Patient safety is duly important for the minority community. At the National Minority Quality Forum, we are focused on improving health care for racial and ethnic communities at higher risk for disease and illness than the general population. We believe in leveraging data and new information to combat disparities in health outcomes with better treatment.

And we believe there are several steps the FDA must take to ensure that these drugs help underserved patients rather than introduce them to new risk.

This will be the challenge for the FDA as they attempt to define the biosimilars pathway, with draft guidance to be released soon. To establish an approval pathway for biosimilars, the FDA must first mandate rigorous clinical trials for these new drugs. Because biosimilars are unique unto themselves owing to differences in raw material, cell lines or the production process, they must be evaluated with sufficient scrutiny on an individualized basis. These trials and tests must also be geared toward different patient groups such as minorities rather than the "one-size fits all" approach that too often biases this process.
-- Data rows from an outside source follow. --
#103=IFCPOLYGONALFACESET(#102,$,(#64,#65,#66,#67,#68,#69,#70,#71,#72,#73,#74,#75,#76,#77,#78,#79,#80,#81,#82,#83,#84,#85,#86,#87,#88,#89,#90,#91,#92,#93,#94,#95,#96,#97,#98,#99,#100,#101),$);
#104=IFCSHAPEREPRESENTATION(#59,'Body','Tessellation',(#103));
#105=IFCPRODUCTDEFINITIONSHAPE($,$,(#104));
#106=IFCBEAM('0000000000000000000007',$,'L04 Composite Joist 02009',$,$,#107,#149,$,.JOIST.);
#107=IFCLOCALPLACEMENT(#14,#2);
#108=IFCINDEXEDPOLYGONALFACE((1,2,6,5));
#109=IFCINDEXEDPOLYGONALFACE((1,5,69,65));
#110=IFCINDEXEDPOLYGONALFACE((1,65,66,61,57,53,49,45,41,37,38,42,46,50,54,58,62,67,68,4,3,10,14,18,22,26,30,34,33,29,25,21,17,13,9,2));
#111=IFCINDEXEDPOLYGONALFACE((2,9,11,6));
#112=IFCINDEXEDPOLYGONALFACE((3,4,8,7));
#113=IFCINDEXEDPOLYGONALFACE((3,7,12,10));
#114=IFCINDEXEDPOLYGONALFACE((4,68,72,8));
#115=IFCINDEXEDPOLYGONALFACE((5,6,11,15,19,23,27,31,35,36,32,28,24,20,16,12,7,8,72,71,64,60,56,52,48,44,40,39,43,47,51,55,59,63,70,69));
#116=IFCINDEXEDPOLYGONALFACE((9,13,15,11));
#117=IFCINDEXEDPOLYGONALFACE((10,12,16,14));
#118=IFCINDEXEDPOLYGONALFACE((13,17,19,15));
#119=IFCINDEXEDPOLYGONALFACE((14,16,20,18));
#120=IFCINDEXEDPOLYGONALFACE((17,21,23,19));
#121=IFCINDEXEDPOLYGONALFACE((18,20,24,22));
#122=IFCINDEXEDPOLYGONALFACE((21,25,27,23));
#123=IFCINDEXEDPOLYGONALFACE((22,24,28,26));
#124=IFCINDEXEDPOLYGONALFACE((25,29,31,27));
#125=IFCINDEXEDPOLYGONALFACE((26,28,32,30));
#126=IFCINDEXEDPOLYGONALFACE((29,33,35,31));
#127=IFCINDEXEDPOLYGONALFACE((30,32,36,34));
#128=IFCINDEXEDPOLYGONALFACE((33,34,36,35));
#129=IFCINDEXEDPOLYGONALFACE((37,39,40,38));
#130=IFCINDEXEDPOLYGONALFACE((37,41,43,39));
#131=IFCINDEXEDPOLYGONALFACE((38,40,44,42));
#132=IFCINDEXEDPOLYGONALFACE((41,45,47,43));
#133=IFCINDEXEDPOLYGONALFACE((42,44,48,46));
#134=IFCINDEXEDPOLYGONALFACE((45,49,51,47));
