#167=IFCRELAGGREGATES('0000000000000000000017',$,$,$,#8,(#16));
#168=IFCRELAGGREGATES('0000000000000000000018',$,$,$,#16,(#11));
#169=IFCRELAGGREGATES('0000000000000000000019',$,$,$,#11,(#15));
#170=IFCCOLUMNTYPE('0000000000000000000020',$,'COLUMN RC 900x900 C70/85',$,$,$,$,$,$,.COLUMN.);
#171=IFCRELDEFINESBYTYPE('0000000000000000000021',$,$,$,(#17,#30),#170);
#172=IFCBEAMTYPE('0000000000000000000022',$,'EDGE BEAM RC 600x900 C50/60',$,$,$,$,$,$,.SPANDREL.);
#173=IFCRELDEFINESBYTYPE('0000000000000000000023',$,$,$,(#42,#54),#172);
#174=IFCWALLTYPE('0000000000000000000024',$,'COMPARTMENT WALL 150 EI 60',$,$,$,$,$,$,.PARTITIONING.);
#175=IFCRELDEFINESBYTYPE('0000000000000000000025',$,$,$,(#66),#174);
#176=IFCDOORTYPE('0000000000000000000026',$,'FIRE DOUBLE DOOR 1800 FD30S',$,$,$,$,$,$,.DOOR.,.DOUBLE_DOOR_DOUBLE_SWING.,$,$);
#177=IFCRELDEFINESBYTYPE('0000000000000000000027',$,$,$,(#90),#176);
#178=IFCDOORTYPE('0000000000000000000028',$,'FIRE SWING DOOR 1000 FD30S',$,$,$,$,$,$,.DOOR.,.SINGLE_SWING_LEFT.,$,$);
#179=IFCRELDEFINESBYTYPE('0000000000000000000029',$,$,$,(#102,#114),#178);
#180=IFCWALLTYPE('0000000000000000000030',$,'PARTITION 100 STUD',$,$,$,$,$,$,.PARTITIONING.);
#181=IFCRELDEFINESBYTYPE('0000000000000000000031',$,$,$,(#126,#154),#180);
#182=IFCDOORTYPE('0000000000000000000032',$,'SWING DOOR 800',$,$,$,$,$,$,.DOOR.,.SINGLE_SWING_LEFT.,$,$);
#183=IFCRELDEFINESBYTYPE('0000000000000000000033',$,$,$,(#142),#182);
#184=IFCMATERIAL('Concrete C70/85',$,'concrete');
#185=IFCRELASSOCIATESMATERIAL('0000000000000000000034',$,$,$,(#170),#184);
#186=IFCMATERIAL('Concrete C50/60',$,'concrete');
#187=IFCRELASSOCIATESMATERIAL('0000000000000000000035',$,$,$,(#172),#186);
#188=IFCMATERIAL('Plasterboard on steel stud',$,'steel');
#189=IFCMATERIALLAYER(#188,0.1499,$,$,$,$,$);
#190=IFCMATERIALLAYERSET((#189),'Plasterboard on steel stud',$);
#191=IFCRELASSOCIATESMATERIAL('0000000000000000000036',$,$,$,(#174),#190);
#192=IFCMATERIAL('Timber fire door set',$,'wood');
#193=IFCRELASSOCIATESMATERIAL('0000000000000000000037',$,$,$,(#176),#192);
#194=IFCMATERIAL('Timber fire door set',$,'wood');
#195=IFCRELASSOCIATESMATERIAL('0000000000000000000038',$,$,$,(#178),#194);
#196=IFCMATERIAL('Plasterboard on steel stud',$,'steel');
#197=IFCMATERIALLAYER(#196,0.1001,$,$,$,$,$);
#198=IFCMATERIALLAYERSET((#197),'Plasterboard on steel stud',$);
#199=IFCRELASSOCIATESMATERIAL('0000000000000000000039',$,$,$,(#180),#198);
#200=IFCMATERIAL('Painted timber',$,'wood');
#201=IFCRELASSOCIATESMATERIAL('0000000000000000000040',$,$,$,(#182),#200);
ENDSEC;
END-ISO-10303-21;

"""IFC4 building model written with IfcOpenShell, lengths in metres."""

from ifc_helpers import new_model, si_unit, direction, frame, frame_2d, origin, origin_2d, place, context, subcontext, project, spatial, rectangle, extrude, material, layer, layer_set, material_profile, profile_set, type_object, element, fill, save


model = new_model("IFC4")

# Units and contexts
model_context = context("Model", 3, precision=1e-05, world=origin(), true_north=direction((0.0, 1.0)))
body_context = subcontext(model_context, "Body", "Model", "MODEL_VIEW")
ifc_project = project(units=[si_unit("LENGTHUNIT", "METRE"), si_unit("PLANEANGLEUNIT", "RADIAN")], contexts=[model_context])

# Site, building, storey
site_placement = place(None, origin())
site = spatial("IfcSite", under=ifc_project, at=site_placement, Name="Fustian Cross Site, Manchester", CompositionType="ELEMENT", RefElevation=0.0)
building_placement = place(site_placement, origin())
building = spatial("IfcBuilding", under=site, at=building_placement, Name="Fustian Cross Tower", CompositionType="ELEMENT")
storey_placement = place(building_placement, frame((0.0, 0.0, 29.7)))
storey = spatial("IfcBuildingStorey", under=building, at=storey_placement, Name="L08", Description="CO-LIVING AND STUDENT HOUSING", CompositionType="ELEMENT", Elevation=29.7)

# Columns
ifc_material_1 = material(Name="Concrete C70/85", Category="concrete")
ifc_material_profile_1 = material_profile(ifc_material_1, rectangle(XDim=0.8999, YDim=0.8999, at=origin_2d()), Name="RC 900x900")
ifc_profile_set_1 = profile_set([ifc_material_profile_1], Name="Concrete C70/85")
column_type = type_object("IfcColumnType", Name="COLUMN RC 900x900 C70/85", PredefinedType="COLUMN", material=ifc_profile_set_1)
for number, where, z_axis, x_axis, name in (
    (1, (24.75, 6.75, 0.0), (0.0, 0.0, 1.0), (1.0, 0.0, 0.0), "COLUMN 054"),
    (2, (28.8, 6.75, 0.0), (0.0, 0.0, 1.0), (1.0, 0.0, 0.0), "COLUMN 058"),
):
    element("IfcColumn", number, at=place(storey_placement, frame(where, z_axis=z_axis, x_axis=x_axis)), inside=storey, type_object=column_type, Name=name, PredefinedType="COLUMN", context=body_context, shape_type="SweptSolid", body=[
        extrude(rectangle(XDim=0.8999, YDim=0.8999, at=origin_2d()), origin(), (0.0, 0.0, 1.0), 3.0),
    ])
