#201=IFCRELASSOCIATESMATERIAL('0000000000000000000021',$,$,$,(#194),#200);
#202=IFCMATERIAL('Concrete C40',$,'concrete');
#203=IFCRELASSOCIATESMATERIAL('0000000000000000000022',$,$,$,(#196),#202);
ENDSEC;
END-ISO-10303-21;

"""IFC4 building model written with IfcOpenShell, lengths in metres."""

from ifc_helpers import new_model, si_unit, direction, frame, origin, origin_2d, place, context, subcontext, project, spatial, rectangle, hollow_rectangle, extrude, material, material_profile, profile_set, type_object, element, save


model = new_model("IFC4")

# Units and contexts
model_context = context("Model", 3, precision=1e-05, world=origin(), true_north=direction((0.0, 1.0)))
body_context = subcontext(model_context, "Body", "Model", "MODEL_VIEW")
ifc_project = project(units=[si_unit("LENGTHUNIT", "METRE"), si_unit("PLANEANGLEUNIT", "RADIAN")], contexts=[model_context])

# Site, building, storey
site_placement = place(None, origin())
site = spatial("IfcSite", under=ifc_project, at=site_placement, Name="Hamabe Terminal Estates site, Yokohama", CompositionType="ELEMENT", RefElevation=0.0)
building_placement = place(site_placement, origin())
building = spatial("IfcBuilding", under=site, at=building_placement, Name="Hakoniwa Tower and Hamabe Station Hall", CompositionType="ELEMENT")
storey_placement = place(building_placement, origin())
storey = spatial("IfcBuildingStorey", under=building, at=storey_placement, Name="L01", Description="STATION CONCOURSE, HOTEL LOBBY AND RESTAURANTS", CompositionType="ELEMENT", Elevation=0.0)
On the back end of the drug approval pathway, the FDA must set up strong monitoring systems to track and trace products for adverse side effects in patients. Any malfunction in the drug needs to be reportable.

Requiring unique names and clear product labels will help this cause and powerful and complex medications need to be user-friendly to reduce their risk of being mishandled. In addition, the FDA and the medical community must be careful to evaluate these extended therapeutic options like they would the biologic they attempt to replicate.

By the end of this decade, 40 percent of the people in this country will belong to minority groups. It is crucial that the health care communities in both the public and private sector transform their data collection and testing approaches to account for the overall changing face of the American population. New products like biosimilars, which harness the potential to treat serious diseases in a less costly way, will be a welcome addition to 21st century health care. But we must make sure they do not compromise safety in the goal of better health outcomes for our diverse nation.